Total Lower 48 working gas in underground storage stood at 3,019 Bcf as of Sept. 6, 393 Bcf (15.0%) more than year-ago levels but 77 Bcf (minus 2.5%) shy of the five-year average, according to EIA.
By region, EIA reported a 37 Bcf weekly build in the Midwest, with a 25 Bcf injection in the East. The Pacific withdrew 1 Bcf on the week, while 6 Bcf was refilled in the Mountain region. In the South Central, EIA recorded a net 2 Bcf injection into salt stocks for the week, with a 10 Bcf build in nonsalt.
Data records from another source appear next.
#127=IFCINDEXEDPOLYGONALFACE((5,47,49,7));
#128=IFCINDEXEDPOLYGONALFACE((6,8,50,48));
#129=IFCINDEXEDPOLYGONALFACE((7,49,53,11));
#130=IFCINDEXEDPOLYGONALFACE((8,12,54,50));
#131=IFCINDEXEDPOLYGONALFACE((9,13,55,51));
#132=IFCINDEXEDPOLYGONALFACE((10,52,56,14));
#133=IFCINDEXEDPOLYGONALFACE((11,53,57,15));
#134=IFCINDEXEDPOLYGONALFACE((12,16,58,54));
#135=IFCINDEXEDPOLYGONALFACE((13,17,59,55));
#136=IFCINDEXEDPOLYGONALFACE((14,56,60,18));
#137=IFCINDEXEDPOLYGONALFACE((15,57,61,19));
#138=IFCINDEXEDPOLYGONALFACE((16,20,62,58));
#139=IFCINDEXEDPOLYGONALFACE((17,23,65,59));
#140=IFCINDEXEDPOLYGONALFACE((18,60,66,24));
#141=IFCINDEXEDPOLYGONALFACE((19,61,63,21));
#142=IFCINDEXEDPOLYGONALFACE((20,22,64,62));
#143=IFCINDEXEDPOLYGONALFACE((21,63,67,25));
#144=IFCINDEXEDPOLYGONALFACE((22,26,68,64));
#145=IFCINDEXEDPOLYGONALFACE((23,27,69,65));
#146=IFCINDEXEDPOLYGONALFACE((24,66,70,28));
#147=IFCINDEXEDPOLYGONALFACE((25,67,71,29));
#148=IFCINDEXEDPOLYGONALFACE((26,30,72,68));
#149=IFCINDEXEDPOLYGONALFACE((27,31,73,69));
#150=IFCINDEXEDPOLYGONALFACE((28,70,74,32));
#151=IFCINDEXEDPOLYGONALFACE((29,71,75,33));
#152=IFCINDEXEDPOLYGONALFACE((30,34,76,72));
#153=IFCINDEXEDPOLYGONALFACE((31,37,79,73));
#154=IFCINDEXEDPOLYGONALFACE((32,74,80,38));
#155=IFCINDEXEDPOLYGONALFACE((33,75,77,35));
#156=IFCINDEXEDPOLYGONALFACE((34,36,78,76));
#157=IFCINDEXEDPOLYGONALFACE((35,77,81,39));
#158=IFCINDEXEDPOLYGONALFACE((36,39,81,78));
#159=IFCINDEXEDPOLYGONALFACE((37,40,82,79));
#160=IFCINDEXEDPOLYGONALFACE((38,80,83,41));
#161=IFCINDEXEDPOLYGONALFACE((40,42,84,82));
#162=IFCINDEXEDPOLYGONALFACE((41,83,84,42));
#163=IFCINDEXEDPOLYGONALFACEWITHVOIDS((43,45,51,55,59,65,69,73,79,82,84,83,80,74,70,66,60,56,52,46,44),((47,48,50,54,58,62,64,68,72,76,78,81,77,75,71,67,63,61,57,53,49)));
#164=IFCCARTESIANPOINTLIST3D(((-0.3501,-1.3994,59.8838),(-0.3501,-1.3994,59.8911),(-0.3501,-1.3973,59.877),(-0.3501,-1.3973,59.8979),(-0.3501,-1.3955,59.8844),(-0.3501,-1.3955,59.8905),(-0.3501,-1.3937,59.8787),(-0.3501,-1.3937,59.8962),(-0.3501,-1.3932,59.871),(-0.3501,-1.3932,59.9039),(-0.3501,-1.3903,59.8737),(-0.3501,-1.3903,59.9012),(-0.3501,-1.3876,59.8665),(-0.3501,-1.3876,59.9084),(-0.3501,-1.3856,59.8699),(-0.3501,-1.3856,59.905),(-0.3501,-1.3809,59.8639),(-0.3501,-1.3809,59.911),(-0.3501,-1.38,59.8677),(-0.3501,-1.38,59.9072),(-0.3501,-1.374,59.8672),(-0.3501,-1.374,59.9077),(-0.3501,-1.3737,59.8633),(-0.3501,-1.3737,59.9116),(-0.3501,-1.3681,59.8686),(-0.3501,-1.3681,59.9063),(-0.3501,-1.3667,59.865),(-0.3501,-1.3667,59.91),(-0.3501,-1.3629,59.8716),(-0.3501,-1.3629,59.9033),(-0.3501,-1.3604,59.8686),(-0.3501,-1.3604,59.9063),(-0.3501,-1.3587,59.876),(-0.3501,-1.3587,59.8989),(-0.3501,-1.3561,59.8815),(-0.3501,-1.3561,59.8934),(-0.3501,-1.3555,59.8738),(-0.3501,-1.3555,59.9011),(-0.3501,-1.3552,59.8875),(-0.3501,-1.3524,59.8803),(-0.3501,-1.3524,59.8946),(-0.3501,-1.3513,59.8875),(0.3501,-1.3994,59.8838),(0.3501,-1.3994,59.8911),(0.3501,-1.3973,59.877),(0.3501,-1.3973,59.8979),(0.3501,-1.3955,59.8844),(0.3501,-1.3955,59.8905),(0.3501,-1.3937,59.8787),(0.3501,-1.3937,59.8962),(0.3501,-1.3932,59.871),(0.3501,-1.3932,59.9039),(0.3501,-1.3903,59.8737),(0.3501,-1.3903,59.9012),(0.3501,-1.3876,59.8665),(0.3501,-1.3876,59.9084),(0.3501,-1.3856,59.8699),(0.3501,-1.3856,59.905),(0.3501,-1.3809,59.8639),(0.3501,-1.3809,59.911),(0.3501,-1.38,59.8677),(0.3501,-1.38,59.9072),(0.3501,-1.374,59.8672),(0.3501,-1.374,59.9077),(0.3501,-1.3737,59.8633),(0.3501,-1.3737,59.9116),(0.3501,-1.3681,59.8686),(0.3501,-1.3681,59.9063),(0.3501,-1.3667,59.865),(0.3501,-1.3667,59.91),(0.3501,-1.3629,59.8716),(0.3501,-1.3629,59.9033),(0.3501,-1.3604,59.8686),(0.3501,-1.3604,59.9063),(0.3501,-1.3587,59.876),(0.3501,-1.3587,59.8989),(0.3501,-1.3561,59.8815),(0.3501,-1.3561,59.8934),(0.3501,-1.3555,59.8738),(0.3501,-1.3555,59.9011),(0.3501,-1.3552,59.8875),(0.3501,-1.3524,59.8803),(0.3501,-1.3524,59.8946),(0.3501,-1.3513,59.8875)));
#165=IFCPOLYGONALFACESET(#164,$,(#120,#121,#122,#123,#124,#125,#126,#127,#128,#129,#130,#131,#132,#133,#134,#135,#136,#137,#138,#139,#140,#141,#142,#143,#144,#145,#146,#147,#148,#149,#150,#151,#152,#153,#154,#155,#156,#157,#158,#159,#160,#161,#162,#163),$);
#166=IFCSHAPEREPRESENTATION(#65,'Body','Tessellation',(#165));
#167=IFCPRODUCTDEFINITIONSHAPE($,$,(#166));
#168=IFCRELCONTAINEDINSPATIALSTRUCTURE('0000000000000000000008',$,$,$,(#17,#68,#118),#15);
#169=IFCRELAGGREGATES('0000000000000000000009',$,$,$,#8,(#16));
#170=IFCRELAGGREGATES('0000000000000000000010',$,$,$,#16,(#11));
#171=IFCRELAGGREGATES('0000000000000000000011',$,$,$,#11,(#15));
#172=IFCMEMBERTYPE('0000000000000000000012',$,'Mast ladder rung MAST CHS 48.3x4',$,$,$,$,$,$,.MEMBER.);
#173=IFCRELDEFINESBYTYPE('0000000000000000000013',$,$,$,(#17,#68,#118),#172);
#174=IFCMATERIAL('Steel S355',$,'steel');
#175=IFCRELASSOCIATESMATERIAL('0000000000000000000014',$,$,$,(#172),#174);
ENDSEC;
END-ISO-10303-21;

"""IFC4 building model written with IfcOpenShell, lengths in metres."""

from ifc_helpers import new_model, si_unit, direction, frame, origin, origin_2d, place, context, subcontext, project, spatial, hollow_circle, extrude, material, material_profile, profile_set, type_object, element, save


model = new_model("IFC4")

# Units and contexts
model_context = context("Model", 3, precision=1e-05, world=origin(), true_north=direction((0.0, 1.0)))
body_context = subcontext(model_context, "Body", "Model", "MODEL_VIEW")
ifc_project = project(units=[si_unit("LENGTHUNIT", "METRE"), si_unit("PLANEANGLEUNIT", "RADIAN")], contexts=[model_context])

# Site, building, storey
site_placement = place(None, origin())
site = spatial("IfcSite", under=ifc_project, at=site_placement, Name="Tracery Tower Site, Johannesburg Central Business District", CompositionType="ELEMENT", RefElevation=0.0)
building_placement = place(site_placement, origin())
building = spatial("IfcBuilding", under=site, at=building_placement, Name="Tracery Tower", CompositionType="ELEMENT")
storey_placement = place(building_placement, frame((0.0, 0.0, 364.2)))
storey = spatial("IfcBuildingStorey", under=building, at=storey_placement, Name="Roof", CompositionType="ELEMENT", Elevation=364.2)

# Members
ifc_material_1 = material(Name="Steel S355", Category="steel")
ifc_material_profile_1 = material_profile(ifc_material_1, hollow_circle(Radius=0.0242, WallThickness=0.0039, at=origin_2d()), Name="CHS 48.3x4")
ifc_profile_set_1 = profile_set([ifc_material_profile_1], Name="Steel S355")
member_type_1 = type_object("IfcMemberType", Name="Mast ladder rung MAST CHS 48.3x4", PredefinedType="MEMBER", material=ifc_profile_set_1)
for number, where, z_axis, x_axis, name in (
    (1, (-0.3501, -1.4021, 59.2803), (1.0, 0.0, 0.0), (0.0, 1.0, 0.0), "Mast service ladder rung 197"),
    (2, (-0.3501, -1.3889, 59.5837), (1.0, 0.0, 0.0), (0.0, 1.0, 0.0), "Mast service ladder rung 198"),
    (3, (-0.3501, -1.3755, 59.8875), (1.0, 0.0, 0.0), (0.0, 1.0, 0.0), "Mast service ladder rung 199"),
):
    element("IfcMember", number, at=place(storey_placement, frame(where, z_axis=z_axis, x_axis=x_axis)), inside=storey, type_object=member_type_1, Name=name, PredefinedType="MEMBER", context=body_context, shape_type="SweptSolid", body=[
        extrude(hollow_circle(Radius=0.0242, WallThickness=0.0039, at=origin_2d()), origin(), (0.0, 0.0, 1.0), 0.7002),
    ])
Bespoke Weather Services viewed the 78 Bcf build as “basically neutral, as holiday weeks are always difficult, and it was still quite hot in key areas of the South last week.”
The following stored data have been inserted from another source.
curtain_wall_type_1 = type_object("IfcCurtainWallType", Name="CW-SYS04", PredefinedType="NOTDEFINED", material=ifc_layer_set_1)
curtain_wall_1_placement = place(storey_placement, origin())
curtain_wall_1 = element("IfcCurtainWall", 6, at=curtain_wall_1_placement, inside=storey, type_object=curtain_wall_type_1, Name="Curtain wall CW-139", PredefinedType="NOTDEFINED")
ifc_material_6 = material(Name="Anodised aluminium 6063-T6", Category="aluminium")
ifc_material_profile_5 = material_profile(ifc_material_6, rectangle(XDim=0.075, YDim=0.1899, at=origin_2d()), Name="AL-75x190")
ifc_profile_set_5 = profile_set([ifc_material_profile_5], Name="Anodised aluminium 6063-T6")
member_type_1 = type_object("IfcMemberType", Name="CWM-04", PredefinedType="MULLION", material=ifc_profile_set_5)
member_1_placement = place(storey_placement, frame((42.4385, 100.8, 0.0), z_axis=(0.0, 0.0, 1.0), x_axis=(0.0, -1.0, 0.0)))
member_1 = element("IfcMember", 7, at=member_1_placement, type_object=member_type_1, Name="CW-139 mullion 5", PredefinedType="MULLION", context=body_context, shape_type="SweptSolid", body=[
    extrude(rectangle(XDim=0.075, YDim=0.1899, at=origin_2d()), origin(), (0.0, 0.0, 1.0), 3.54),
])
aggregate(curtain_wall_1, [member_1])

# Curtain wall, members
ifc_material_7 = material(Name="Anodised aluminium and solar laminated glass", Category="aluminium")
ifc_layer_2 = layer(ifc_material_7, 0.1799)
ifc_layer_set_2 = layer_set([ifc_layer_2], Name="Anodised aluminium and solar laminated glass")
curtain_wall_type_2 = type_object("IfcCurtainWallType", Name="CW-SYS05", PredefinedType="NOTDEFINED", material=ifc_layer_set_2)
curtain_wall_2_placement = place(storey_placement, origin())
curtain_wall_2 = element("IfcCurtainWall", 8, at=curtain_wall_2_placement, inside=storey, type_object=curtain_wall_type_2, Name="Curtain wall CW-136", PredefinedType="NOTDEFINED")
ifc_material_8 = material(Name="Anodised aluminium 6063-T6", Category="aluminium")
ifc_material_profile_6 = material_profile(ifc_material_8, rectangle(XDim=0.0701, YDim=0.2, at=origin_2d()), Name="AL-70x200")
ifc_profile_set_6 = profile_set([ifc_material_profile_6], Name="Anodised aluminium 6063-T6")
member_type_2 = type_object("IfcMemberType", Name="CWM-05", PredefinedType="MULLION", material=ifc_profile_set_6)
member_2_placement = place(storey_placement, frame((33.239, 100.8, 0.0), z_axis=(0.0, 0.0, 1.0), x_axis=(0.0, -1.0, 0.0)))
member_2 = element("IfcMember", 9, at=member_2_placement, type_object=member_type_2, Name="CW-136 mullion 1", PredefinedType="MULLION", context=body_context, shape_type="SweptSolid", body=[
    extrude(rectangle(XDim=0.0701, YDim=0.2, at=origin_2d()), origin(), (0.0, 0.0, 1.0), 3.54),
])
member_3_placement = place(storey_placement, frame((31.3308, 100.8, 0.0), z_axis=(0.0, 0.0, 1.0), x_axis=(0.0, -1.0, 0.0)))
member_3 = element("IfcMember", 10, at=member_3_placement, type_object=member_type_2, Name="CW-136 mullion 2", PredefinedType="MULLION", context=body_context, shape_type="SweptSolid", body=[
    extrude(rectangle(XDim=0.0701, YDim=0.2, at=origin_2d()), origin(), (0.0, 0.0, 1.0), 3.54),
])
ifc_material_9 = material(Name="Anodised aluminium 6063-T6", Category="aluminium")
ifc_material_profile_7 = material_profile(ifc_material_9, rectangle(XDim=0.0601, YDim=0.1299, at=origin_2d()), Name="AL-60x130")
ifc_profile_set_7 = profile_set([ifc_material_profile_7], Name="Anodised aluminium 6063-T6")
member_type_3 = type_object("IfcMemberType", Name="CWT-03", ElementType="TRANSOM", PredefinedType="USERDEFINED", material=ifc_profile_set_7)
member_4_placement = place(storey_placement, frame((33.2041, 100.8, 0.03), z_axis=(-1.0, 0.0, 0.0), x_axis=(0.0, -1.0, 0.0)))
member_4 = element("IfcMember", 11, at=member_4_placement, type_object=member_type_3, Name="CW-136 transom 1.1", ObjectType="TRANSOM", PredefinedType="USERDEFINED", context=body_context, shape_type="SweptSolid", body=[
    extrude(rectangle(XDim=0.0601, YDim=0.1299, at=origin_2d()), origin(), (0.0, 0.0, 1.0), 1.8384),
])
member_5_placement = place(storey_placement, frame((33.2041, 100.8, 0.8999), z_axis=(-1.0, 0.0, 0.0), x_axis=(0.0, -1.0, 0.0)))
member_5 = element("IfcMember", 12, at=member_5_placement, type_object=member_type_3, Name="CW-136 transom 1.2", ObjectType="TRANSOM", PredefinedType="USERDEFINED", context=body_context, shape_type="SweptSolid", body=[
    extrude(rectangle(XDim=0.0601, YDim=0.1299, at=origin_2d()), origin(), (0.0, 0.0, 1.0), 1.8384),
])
The outlook trended cooler overnight heading into Thursday’s trading, and given the potential for Friday’s forecasts to show additional cooler trends along the East Coast, “we don’t see much reason for prices to continue advancing higher from here...with risk, in our view, more skewed toward a move back near the $2.50 level,” Bespoke said. “...Demand will continue falling off after Sept. 20 to even lower levels, possibly allowing cash prices to weaken as well, as salts can more freely refill with less demand in place.”
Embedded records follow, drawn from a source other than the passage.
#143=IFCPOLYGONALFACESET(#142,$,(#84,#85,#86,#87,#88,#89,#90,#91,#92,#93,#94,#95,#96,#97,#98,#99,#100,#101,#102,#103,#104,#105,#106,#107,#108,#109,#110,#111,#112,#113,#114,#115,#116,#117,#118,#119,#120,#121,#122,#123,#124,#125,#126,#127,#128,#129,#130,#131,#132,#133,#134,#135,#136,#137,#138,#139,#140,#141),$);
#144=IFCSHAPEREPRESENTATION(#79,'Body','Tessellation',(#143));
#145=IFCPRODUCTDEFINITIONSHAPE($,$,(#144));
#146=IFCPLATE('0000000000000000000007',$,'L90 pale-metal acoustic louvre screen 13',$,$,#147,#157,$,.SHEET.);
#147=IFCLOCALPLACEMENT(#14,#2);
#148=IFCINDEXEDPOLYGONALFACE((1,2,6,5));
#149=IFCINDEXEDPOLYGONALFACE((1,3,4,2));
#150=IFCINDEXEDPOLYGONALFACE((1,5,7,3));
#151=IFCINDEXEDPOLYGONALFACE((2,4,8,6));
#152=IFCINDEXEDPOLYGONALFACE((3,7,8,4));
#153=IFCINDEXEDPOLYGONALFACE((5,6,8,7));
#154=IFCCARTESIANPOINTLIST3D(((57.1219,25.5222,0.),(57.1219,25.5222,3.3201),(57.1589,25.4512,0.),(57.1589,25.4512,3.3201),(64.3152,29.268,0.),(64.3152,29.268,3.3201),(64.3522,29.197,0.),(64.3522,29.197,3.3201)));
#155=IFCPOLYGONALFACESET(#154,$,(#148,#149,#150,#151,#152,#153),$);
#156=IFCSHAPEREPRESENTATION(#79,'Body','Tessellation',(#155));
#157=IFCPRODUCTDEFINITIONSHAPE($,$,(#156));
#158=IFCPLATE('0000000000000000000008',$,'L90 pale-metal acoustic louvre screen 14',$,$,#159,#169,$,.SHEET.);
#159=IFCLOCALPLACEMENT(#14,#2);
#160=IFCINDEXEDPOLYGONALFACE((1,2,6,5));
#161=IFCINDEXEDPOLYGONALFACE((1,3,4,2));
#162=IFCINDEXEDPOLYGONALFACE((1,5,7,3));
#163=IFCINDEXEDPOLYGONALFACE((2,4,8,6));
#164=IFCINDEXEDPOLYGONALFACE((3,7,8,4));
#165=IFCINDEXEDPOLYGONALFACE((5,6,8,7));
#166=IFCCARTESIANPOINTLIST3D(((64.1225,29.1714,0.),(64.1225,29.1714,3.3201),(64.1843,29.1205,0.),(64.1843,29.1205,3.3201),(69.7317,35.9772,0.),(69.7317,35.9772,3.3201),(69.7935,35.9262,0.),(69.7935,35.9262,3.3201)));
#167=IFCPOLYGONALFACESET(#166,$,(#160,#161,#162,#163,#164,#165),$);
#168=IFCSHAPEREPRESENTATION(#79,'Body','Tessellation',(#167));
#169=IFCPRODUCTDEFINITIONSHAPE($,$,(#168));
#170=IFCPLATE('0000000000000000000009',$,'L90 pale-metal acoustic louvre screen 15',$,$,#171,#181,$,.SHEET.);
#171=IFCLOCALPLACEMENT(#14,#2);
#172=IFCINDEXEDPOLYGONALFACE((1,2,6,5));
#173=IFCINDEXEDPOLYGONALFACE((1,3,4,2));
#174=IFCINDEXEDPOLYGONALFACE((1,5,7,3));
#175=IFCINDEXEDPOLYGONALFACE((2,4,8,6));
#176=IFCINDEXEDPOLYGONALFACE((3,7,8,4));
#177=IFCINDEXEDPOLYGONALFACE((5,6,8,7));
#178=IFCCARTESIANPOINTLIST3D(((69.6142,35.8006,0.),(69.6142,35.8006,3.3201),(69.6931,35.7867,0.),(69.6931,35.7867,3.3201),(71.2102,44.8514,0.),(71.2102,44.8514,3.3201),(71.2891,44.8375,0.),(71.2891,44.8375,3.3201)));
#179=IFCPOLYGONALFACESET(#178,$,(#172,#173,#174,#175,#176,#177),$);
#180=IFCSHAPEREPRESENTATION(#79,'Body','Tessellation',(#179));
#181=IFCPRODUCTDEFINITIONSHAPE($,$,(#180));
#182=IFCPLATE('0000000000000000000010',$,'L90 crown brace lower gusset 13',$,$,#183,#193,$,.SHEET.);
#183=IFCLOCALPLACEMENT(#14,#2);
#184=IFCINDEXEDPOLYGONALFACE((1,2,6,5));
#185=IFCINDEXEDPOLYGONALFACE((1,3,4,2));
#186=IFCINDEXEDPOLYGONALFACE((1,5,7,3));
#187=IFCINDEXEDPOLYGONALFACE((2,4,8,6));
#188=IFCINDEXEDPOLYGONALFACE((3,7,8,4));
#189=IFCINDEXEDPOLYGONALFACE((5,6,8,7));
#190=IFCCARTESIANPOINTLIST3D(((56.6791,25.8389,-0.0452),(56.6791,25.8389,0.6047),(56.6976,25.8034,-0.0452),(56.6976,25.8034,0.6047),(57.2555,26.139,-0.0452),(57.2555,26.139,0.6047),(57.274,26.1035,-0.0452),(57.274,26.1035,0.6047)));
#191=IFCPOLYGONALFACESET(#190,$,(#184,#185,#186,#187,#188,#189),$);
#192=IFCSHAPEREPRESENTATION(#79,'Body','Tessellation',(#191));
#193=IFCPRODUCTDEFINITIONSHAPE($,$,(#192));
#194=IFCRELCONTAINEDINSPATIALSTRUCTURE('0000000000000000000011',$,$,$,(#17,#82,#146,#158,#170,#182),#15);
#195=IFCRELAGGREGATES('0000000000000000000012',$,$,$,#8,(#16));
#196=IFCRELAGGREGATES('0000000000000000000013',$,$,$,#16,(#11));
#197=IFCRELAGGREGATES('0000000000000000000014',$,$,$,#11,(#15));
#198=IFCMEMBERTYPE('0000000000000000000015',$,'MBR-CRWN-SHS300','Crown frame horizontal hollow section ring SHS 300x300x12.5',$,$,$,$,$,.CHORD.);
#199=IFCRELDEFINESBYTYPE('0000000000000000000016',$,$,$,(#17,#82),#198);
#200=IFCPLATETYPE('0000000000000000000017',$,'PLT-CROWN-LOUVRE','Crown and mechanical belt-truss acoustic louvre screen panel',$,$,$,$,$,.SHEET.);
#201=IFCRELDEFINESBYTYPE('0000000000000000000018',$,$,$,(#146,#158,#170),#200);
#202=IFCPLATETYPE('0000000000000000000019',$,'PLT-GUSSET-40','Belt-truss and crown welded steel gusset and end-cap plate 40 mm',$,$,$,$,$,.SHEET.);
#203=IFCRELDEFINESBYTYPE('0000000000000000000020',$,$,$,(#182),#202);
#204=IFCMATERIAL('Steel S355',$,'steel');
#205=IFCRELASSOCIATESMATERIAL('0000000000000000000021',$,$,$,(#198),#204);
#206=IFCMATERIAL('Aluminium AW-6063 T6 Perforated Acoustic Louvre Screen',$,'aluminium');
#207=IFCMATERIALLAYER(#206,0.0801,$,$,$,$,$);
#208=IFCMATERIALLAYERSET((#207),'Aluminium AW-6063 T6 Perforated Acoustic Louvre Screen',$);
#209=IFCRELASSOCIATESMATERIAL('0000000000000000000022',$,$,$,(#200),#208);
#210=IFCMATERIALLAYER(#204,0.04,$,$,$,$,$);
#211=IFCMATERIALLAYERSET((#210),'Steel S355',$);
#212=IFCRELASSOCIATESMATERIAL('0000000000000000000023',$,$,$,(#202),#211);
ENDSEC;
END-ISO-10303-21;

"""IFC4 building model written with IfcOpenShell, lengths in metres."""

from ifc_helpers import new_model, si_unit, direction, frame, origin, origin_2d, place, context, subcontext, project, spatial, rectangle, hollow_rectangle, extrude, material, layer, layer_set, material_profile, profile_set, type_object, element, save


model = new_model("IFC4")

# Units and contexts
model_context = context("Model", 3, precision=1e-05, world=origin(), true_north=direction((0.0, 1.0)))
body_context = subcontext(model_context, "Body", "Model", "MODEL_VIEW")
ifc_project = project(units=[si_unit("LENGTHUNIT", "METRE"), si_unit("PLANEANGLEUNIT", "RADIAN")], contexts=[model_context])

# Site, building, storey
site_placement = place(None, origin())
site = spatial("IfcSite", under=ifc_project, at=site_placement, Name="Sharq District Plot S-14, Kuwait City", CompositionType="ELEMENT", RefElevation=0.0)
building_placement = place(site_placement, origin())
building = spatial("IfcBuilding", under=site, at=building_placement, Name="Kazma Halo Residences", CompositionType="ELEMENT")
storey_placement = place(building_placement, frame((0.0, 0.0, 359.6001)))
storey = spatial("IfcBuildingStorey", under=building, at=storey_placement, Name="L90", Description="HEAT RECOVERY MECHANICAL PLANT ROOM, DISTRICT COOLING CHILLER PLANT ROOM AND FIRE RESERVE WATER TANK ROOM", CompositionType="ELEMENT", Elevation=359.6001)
After declines earlier this week, the technical picture has been “deteriorating” for natural gas, according to ICAP Technical Analysis analyst Brian LaRose, who was expecting “a period of sideways to lower price action” to close out the week.
“...I will be inclined to treat any drift lower as a minor pause in the up trend for now. To suggest something more serious is brewing, the bears would need to crack $2.446-2.384,” LaRose said. “As for the bulls, they still must better $2.713-2.743-2.751-2.800 to keep the rise going.”
Meanwhile, as of 2 p.m. ET Thursday, the National Hurricane Center (NHC) was continuing to monitor a disturbance in the Bahamas that it said had a 70% chance of cyclone formation over the next 48 hours.
“Satellite-derived winds and surface observations indicate that the disturbance...has not yet developed a closed circulation, and that the winds are not strong at this time,” the NHC said. “However, surface pressures remain low, and environmental conditions are favorable for a tropical depression or tropical storm to form within the next day or two as the system moves toward the northwest at 5-10 mph through the northwestern Bahamas and toward the Florida Peninsula.”
East Coast Cool
Cooling temperatures to close out the week prompted double-digit spot price declines throughout the Northeast Thursday. Algonquin Citygate fell 17.0 cents to $2.210, while Transco Zone 6 NY slid 19.5 cents to $2.100.
Maxar’s Weather Desk was calling for near- to below-normal temperatures for major cities along the Interstate 95 corridor for Friday, including highs in the mid-60s in Boston, and in the low 70s in New York City and Philadelphia.
Elsewhere, prices were generally steady from the Gulf Coast to the Southeast as hot temperatures were expected to persist across the southern United States.
A deal between the Mexican government and Fermaca, the developer behind the Wahalajara system, could prove “key to deconstraining” Permian Basin production and raising U.S. pipeline exports to Mexico, according to Genscape Inc. senior natural gas analyst Rick Margolin.
“The project was the last one under objection by the Mexican government in a dispute over tariff rates and force majeure payments agreed to by the previous Mexican presidential administration,” Margolin said. “Wahalajara may now resume construction and has said they expect the full system to be online by March 2020. This is one month later than our modeled in-service date.
“The project will be a telescoping line enabling Permian Basin production to reach central Mexican markets to displace Mexican LNG imports, serve moderate demand growth and production declines, and displace incumbent supplies from South Texas.”
Meanwhile, a hot finish to the work week sent Southern California prices soaring Thursday. Maxar predicted above-normal temperatures for Burbank for Friday, including highs reaching 97 degrees.
SoCal Citygate rallied 70.0 cents to average $4.015.